To generate echolocation clicks, odontocetes produce short, ultrasonic signals with pneumatically driven pulses generated in the nasal complex and subsequently focused into a directional signal (Ridgway et al., 1980; Mackay and Liaw, 1981; Cranford, 1992; Aroyan et al., 2000; Au et al., 2006). The nasal structures directly responsible for pulse generation are two structures called the monkey lips dorsal bursae (MLDB) complex (Cranford et al., 1996). Each MLDB complex consists of a valve containing dense connective tissue (the phonic lips) that contains a pair of fat bodies (the dorsal bursae) surrounded by a thin pouch of connective tissue (Cranford et al., 1996). Prior to pulse emission, air is sent from the lungs to the bony nasal passage, with a corresponding increase in air pressure within this cavity (Dormer, 1974; Ridgway et al., 1980; Cranford et al., 2011). During an echolocation event, air is forced upward and past the MLDB complex (Dormer, 1974; Ridgway et al., 1980). The air travels between the phonic lips and causes them to slap together, creating the echolocation pulses (Cranford et al., 1996; Cranford et al., 2011). Odontocetes possess two sets of MLDB complexes and may use one or both to produce echolocation pulses (Lammers and Castellote, 2009; Madsen et al., 2010; Cranford et al., 2011).

Structures within the forehead of odontocetes help direct the sound towards the anterior portion of the forehead and may focus the echolocation beam (Evans et al., 1964). The portion of the skull lying directly posterior to the MLDB complex is concave in most odontocetes and is composed of highly dense bone (Mead, 1975). Air spaces cover this portion of the skull and act as acoustic reflectors for the pulses generated by the MLDB (Aroyan et al., 1992; Au et al., 2010; Cranford et al., 2011). The pressure and size of these air sacs change over the course of an echolocation event, which may result in differential reflection of the echolocation pulses (Dormer, 1974; Ridgway et al., 1980). The melon, a structure filled with acoustic fats and located anterior of the air sacs, may further focus the emitted pulses. Although the size, shape and lipid composition of the melon differs across genera (Litchfield et al., 1973; Cranford et al., 1996), the presence of acoustic fats in the forehead is common to all odontocetes. The distribution and layering of fats inside the melon act to focus the sound towards the anterior portion of the melon and act as an impedance-matching device for sounds traveling into the surrounding seawater (Litchfield et al., 1973; Norris and Harvey, 1974; Malins and Varanasi, 1975). Additionally, the melon is surrounded and traversed by a complex array of muscles and tendons that may act to change the shape of the melon during echolocation (Harper et al., 2008). It is hypothesized that the animal may control the size and shape of the air sacs and melon to differentially focus the echolocation beam, although such active focusing has yet to be demonstrated empirically.

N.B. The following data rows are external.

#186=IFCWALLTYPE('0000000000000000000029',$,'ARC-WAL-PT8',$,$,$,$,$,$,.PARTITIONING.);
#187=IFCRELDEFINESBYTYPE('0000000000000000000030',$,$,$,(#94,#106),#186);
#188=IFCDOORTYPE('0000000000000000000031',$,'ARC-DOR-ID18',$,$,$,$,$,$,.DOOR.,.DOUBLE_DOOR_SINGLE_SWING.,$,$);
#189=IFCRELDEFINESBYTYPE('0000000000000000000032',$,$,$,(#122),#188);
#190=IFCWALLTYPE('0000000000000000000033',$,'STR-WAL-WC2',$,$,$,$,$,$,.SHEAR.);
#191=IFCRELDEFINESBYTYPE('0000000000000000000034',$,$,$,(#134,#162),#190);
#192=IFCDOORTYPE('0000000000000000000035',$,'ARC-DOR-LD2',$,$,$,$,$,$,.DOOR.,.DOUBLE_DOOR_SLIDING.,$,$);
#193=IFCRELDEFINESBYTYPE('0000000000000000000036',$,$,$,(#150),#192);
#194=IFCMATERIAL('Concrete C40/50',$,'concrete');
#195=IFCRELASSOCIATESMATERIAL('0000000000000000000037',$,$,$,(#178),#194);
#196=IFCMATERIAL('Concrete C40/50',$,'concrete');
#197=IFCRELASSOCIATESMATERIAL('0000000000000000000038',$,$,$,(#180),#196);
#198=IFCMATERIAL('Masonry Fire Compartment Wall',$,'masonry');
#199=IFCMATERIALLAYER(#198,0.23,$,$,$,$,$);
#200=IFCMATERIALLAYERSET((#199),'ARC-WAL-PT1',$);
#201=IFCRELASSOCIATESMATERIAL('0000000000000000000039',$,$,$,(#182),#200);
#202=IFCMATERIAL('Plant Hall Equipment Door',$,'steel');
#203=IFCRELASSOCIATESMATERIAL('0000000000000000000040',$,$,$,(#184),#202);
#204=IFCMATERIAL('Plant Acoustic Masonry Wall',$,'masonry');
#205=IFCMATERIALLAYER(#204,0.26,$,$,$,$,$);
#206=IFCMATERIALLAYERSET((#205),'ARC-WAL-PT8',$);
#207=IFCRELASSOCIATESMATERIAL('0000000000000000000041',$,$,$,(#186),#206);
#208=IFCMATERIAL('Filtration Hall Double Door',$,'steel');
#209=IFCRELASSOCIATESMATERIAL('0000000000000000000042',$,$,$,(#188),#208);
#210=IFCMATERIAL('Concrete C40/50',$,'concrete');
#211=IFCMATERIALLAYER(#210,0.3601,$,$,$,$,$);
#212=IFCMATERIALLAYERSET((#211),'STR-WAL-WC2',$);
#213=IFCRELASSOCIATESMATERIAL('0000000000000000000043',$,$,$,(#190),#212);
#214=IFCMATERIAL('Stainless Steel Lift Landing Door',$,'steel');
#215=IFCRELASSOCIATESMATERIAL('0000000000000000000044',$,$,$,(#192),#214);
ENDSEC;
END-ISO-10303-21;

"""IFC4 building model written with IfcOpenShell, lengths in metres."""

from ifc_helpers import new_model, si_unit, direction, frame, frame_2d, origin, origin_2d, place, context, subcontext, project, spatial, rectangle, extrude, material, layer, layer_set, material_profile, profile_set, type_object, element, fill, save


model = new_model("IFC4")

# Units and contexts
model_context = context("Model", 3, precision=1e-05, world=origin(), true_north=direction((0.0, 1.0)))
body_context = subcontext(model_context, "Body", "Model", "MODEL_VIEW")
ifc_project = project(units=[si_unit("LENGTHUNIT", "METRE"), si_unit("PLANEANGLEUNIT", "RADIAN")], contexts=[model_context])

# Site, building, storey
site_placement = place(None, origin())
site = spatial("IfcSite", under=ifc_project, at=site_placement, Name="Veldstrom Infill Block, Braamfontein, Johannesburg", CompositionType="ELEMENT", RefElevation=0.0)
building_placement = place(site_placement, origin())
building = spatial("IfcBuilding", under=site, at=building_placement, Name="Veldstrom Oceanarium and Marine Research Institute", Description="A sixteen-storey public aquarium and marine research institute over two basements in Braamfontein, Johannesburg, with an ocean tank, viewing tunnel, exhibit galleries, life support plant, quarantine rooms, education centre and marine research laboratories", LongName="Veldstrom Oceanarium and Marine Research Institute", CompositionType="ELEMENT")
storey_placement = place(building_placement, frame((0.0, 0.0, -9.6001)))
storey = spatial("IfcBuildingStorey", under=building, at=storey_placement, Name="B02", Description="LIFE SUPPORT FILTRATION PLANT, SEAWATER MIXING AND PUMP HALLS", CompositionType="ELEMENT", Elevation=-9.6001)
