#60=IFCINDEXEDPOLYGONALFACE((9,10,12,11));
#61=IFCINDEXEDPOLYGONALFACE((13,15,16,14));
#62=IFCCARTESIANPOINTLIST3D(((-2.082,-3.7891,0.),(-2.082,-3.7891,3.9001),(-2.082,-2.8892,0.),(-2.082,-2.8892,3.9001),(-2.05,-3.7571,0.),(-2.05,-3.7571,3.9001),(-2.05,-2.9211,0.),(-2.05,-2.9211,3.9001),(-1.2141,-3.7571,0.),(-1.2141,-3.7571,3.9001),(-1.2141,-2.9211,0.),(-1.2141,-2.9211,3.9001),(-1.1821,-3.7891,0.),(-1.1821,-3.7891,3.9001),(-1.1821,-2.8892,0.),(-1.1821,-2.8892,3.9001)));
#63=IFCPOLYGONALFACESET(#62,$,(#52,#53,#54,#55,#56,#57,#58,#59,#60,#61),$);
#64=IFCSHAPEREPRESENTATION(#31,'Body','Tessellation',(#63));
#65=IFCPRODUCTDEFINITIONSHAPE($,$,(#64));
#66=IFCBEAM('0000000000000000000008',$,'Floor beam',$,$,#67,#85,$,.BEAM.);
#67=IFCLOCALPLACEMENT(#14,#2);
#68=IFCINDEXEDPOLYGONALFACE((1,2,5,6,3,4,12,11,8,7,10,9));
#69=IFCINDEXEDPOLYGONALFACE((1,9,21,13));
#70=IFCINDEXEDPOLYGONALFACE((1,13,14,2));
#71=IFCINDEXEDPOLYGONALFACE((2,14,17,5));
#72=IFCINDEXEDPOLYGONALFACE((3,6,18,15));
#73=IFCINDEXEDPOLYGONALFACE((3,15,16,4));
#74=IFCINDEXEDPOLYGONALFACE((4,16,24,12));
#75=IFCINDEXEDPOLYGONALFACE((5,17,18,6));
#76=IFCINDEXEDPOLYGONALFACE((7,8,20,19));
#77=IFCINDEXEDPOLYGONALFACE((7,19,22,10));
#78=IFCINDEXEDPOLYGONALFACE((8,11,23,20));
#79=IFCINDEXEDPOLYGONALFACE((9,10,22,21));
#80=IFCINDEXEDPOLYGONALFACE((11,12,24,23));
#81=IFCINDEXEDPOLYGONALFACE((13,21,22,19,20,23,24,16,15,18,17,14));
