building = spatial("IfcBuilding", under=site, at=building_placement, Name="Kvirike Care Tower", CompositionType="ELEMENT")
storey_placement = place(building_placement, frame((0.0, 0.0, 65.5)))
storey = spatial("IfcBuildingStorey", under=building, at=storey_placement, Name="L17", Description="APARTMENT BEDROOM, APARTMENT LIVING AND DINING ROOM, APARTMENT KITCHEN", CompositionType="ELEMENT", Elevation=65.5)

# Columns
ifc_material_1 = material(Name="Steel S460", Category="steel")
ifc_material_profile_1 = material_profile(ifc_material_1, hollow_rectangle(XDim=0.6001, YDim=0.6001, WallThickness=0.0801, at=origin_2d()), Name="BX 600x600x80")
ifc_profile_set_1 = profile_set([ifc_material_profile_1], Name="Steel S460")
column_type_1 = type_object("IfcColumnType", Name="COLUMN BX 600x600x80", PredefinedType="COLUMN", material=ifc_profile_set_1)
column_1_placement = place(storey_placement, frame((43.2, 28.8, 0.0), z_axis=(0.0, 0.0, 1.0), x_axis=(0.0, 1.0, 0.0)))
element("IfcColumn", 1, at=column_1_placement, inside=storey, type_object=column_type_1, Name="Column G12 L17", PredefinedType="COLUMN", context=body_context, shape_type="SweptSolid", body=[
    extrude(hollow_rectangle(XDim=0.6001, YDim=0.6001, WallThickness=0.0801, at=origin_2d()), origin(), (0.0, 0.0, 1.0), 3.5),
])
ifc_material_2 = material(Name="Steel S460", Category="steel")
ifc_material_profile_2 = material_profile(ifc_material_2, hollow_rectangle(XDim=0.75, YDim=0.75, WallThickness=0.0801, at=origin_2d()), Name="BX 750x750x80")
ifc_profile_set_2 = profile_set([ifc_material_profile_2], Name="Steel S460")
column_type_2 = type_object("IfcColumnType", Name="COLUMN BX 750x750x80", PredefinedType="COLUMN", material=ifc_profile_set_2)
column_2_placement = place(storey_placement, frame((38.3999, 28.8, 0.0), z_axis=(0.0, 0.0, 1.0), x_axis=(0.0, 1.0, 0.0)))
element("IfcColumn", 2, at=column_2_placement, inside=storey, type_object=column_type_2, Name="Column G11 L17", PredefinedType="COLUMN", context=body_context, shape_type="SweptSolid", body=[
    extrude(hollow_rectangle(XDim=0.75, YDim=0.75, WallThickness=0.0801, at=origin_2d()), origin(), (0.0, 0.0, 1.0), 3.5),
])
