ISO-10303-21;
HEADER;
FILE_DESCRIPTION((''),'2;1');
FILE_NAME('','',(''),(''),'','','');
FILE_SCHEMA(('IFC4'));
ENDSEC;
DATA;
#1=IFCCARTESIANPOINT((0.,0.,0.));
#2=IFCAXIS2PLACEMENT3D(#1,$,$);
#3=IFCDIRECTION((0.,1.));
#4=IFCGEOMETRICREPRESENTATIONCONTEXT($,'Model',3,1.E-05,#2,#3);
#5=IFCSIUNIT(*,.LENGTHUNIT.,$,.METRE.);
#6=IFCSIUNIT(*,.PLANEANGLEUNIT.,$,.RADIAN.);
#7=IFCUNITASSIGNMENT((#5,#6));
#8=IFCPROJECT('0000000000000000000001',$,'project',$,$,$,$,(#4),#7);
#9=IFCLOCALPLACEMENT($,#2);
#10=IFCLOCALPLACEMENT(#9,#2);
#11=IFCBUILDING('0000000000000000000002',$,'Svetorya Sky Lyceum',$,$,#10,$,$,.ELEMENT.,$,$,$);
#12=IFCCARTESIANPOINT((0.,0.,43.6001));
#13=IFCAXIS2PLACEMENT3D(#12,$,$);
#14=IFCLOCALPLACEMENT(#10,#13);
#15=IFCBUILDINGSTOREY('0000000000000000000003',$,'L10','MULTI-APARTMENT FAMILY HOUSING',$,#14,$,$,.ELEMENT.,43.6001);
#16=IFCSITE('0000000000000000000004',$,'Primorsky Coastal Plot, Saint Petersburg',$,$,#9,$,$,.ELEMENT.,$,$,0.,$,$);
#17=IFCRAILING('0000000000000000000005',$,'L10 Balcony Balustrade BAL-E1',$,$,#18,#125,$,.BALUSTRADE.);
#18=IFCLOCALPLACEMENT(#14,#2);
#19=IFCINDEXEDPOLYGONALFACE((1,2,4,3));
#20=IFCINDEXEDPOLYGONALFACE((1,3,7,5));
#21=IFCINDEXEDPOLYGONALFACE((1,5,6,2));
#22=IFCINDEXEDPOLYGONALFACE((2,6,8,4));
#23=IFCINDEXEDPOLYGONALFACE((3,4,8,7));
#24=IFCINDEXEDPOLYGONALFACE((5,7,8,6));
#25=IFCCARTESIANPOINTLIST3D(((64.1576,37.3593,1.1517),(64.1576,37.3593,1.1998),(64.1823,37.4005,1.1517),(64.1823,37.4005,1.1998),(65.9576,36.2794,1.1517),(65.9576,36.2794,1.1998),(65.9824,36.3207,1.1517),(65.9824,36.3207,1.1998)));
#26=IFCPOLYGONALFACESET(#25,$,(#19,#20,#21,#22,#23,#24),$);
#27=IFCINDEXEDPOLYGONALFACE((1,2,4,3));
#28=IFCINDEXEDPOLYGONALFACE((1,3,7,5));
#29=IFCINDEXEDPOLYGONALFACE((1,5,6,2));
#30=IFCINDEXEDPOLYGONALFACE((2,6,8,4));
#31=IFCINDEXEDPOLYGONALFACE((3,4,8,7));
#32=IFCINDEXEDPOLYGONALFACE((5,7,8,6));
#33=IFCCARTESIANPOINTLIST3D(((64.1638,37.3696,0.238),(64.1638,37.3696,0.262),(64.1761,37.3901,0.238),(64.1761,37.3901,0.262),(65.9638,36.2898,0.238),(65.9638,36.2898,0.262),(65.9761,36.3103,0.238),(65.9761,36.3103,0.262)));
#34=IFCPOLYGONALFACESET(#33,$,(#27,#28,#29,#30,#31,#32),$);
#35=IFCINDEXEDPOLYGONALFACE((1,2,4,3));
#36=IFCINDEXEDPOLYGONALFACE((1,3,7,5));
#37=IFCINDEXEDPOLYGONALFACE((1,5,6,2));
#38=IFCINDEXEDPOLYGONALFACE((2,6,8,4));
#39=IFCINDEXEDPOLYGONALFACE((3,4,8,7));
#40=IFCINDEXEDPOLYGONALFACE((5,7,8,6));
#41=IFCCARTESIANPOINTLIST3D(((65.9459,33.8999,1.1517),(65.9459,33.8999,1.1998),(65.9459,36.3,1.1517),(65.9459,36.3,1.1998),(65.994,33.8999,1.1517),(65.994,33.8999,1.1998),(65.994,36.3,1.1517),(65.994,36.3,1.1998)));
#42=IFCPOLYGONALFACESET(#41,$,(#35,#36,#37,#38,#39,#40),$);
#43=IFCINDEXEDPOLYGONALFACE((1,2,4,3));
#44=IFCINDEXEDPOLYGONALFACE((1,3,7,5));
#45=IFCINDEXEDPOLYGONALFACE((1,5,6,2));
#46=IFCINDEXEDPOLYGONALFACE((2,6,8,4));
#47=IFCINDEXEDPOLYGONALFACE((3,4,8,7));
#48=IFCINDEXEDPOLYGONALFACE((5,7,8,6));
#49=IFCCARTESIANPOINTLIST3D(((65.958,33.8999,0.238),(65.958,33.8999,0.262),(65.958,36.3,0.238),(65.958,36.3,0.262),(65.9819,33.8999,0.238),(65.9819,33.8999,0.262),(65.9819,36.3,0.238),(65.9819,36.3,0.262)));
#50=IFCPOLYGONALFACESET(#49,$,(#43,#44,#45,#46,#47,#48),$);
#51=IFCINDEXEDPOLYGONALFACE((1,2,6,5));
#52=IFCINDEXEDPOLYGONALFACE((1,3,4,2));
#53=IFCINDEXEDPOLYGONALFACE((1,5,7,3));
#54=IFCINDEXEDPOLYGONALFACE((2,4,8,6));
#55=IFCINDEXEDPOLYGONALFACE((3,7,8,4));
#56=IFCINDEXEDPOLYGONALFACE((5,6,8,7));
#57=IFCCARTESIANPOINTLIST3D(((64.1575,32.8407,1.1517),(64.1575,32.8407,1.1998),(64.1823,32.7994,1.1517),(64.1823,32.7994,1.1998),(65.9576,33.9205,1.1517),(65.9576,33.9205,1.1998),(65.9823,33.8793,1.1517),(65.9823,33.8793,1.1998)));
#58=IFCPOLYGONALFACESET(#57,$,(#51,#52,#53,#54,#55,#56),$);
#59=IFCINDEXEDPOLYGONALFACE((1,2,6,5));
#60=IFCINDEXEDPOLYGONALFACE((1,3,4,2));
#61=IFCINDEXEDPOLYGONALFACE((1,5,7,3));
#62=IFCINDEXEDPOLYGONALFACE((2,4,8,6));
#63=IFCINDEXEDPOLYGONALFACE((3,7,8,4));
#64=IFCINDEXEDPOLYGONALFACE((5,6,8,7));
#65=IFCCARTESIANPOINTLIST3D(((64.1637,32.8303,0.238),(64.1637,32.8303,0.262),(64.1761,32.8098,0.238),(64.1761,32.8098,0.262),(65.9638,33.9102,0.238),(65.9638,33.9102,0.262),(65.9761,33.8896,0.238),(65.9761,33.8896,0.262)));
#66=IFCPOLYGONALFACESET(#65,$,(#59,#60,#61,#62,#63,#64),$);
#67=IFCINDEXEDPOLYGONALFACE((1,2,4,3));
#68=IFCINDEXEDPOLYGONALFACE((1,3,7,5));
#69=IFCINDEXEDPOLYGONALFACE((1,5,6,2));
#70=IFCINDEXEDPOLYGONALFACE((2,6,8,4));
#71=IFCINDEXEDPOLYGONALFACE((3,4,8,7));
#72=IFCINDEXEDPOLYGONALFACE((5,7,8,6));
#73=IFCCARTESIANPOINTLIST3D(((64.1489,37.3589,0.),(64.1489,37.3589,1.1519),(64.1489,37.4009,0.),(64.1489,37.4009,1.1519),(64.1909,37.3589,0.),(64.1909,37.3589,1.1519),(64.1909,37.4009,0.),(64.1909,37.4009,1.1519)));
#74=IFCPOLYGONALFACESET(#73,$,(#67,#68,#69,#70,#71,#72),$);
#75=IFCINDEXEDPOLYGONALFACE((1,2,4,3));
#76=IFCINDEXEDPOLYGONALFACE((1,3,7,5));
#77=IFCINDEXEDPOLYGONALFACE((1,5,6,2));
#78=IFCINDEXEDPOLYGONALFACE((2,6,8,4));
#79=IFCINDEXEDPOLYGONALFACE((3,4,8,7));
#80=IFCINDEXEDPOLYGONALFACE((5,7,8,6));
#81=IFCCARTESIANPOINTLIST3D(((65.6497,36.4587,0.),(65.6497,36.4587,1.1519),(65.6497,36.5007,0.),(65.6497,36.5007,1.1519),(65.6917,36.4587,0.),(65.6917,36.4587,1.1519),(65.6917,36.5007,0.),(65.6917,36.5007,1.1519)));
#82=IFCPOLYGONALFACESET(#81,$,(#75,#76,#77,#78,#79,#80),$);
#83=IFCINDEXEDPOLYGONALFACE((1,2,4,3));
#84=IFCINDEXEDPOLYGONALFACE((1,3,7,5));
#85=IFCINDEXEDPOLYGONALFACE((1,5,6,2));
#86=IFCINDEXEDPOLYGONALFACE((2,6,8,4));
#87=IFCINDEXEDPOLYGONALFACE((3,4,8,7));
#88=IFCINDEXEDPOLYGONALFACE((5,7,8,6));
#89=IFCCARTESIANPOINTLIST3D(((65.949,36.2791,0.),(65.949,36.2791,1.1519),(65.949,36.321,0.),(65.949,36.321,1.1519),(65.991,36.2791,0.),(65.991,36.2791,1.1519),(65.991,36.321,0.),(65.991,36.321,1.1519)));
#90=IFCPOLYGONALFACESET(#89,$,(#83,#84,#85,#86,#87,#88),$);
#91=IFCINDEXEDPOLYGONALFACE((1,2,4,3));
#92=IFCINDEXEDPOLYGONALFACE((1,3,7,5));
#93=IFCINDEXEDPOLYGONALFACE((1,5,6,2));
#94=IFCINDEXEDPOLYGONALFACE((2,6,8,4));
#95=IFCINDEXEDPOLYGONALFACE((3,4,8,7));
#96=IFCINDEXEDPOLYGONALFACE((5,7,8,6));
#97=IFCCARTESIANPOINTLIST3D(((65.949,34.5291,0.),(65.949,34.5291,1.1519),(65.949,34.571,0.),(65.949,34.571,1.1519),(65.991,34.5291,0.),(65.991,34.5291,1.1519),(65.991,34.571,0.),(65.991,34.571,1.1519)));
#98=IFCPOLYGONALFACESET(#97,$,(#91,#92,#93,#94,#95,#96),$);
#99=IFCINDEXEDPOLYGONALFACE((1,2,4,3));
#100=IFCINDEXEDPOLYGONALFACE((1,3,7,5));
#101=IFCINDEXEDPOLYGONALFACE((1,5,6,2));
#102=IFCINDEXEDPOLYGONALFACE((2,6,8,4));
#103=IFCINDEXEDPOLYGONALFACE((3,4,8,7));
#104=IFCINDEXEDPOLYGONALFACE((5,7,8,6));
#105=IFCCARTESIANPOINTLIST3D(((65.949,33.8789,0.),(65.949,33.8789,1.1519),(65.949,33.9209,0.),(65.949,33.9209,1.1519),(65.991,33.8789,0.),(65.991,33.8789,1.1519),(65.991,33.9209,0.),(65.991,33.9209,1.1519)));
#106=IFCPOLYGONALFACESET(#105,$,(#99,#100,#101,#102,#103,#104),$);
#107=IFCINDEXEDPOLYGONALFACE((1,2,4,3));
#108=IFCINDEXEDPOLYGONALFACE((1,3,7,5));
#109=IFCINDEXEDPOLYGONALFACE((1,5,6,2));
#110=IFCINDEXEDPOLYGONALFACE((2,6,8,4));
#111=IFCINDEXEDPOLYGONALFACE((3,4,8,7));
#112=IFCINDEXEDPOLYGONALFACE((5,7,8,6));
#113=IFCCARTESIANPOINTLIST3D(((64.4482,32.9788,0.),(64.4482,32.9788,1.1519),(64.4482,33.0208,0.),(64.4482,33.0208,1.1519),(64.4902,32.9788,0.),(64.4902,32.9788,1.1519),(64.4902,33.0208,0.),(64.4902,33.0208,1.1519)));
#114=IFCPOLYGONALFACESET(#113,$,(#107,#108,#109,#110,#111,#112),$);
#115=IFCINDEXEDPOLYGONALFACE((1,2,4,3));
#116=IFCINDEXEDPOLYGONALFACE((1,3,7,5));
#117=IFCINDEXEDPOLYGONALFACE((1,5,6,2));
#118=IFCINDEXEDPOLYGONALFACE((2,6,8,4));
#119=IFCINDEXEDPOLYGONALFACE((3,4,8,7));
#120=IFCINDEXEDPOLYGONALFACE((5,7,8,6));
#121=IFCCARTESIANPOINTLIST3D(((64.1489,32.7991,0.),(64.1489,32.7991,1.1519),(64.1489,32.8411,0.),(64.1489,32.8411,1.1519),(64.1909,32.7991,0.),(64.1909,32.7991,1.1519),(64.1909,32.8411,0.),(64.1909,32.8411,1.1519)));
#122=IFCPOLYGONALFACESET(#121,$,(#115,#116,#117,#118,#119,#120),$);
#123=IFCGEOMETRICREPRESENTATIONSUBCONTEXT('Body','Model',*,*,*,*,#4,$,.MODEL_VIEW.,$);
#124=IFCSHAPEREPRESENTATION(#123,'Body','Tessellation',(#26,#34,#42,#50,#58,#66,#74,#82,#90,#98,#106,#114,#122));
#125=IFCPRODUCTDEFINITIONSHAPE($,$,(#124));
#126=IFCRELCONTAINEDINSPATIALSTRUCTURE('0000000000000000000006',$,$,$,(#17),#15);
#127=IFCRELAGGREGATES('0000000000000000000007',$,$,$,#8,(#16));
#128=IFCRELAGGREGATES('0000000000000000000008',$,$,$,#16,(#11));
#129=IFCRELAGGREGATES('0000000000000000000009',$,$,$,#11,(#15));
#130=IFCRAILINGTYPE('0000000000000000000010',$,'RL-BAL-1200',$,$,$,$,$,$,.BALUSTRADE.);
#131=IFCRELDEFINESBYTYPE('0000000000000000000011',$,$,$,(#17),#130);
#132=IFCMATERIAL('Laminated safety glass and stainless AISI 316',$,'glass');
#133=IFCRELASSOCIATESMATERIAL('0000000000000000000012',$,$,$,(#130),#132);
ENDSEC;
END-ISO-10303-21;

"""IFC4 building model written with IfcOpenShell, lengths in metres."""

from ifc_helpers import new_model, si_unit, direction, frame, origin, origin_2d, place, context, subcontext, project, spatial, rectangle, extrude, material, type_object, element, save


model = new_model("IFC4")

# Units and contexts
model_context = context("Model", 3, precision=1e-05, world=origin(), true_north=direction((0.0, 1.0)))
body_context = subcontext(model_context, "Body", "Model", "MODEL_VIEW")
ifc_project = project(units=[si_unit("LENGTHUNIT", "METRE"), si_unit("PLANEANGLEUNIT", "RADIAN")], contexts=[model_context])

# Site, building, storey
site_placement = place(None, origin())
site = spatial("IfcSite", under=ifc_project, at=site_placement, Name="Primorsky Coastal Plot, Saint Petersburg", CompositionType="ELEMENT", RefElevation=0.0)
building_placement = place(site_placement, origin())
building = spatial("IfcBuilding", under=site, at=building_placement, Name="Svetorya Sky Lyceum", CompositionType="ELEMENT")
storey_placement = place(building_placement, frame((0.0, 0.0, 43.6001)))
storey = spatial("IfcBuildingStorey", under=building, at=storey_placement, Name="L10", Description="MULTI-APARTMENT FAMILY HOUSING", CompositionType="ELEMENT", Elevation=43.6001)

# Railing
ifc_material_1 = material(Name="Laminated safety glass and stainless AISI 316", Category="glass")
railing_type = type_object("IfcRailingType", Name="RL-BAL-1200", PredefinedType="BALUSTRADE", material=ifc_material_1)
railing_placement = place(storey_placement, frame((64.1699, 37.3799, 0.0)))
element("IfcRailing", 1, at=railing_placement, inside=storey, type_object=railing_type, Name="L10 Balcony Balustrade BAL-E1", PredefinedType="BALUSTRADE", context=body_context, shape_type="SweptSolid", body=[
    extrude(rectangle(XDim=0.0481, YDim=0.0481, at=origin_2d()), frame((0.0, 0.0, 1.1758), z_axis=(0.857534, -0.514427, 0.0), x_axis=(0.514427, 0.857534, 0.0)), (0.0, 0.0, 1.0), 2.0991),
    extrude(rectangle(XDim=0.0239, YDim=0.0239, at=origin_2d()), frame((0.0, 0.0, 0.25), z_axis=(0.857534, -0.514427, 0.0), x_axis=(0.514427, 0.857534, 0.0)), (0.0, 0.0, 1.0), 2.0991),
    extrude(rectangle(XDim=0.0481, YDim=0.0481, at=origin_2d()), frame((1.8, -1.0798, 1.1758), z_axis=(0.0, -1.0, 0.0), x_axis=(1.0, 0.0, 0.0)), (0.0, 0.0, 1.0), 2.4001),
    extrude(rectangle(XDim=0.0239, YDim=0.0239, at=origin_2d()), frame((1.8, -1.0798, 0.25), z_axis=(0.0, -1.0, 0.0), x_axis=(1.0, 0.0, 0.0)), (0.0, 0.0, 1.0), 2.4001),
    extrude(rectangle(XDim=0.0481, YDim=0.0481, at=origin_2d()), frame((1.8, -3.48, 1.1758), z_axis=(-0.857534, -0.514427, 0.0), x_axis=(0.514427, -0.857534, 0.0)), (0.0, 0.0, 1.0), 2.0991),
    extrude(rectangle(XDim=0.0239, YDim=0.0239, at=origin_2d()), frame((1.8, -3.48, 0.25), z_axis=(-0.857534, -0.514427, 0.0), x_axis=(0.514427, -0.857534, 0.0)), (0.0, 0.0, 1.0), 2.0991),
    extrude(rectangle(XDim=0.042, YDim=0.042, at=origin_2d()), origin(), (0.0, 0.0, 1.0), 1.1519),
    extrude(rectangle(XDim=0.042, YDim=0.042, at=origin_2d()), frame((1.5007, -0.9001, 0.0)), (0.0, 0.0, 1.0), 1.1519),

Early investigations with odontocetes hinted at the directionality of their echolocation signals (Norris et al., 1961; Evans et al., 1964; Norris and Evans, 1966), which prompted measurement of the transmission beam patterns (Evans, 1973). Beam patterns have been directly measured under laboratory conditions for Tursiops truncatus (Au et al., 1978; Au et al., 1980; Au et al., 1986), Delphinapteus leucas (Au et al., 1987), Pseudorca crassidens (Au et al., 1995) and Phocoena phocoena (Au et al., 1999), and have been estimated from field recordings of Lagenorhynchus albirostris (Rasmussen at al., 2004), Platanista gangetica (Bahl et al., 2007), Physeter macrocephalus (Mohl et al., 2003) and Ziphius cavirostris (Zimmer et al., 2005a). Most odontocete signals measured thus far have 3 dB beamwidths (the angle at which the beam’s power is half the maximum power of the signal) between 8 and 15 deg, with interspecific and intraspecific variation (Au, 1993).

Odontocetes demonstrate flexibility and adaptability with their echolocation. They change the frequency and intensity of their signals as a result of environmental or hearing changes (Au et al., 1985; Ibsen et al., 2007; Kloepper et al., 2010a), and can change the shape or direction of their echolocation beam (Au et al., 1987; Moore et al., 2008). Changes in beam width have previously been thought to be frequency driven; that is, beam size is determined primarily by the laws of linear acoustics in which, for a directional source, higher frequencies create narrower beam patterns (Au et al., 1995). If odontocete beam patterns change solely according to the frequency of the emitted signal, then, for a given frequency, the beam area should be the same regardless of target condition. If, however, after controlling for this frequency effect on beam area, the beam size changes depending on target condition, then the animal may be actively focusing the emitted beam.

In this study, we investigated the adaptability of odontocete echolocation by testing whether the echolocation beam area of a false killer whale changed depending on target difficulty and distance. Accounting for expected differences in beam area with frequency, the false killer whale changed the shape of its echolocation beam, which suggests active focusing of the emitted beam. Based on these data, we propose that the animal changes the size of its beam for difficult echolocation tasks and adjusts the focal region of the beam according to target distance to maximize the amount of energy reflected from the target.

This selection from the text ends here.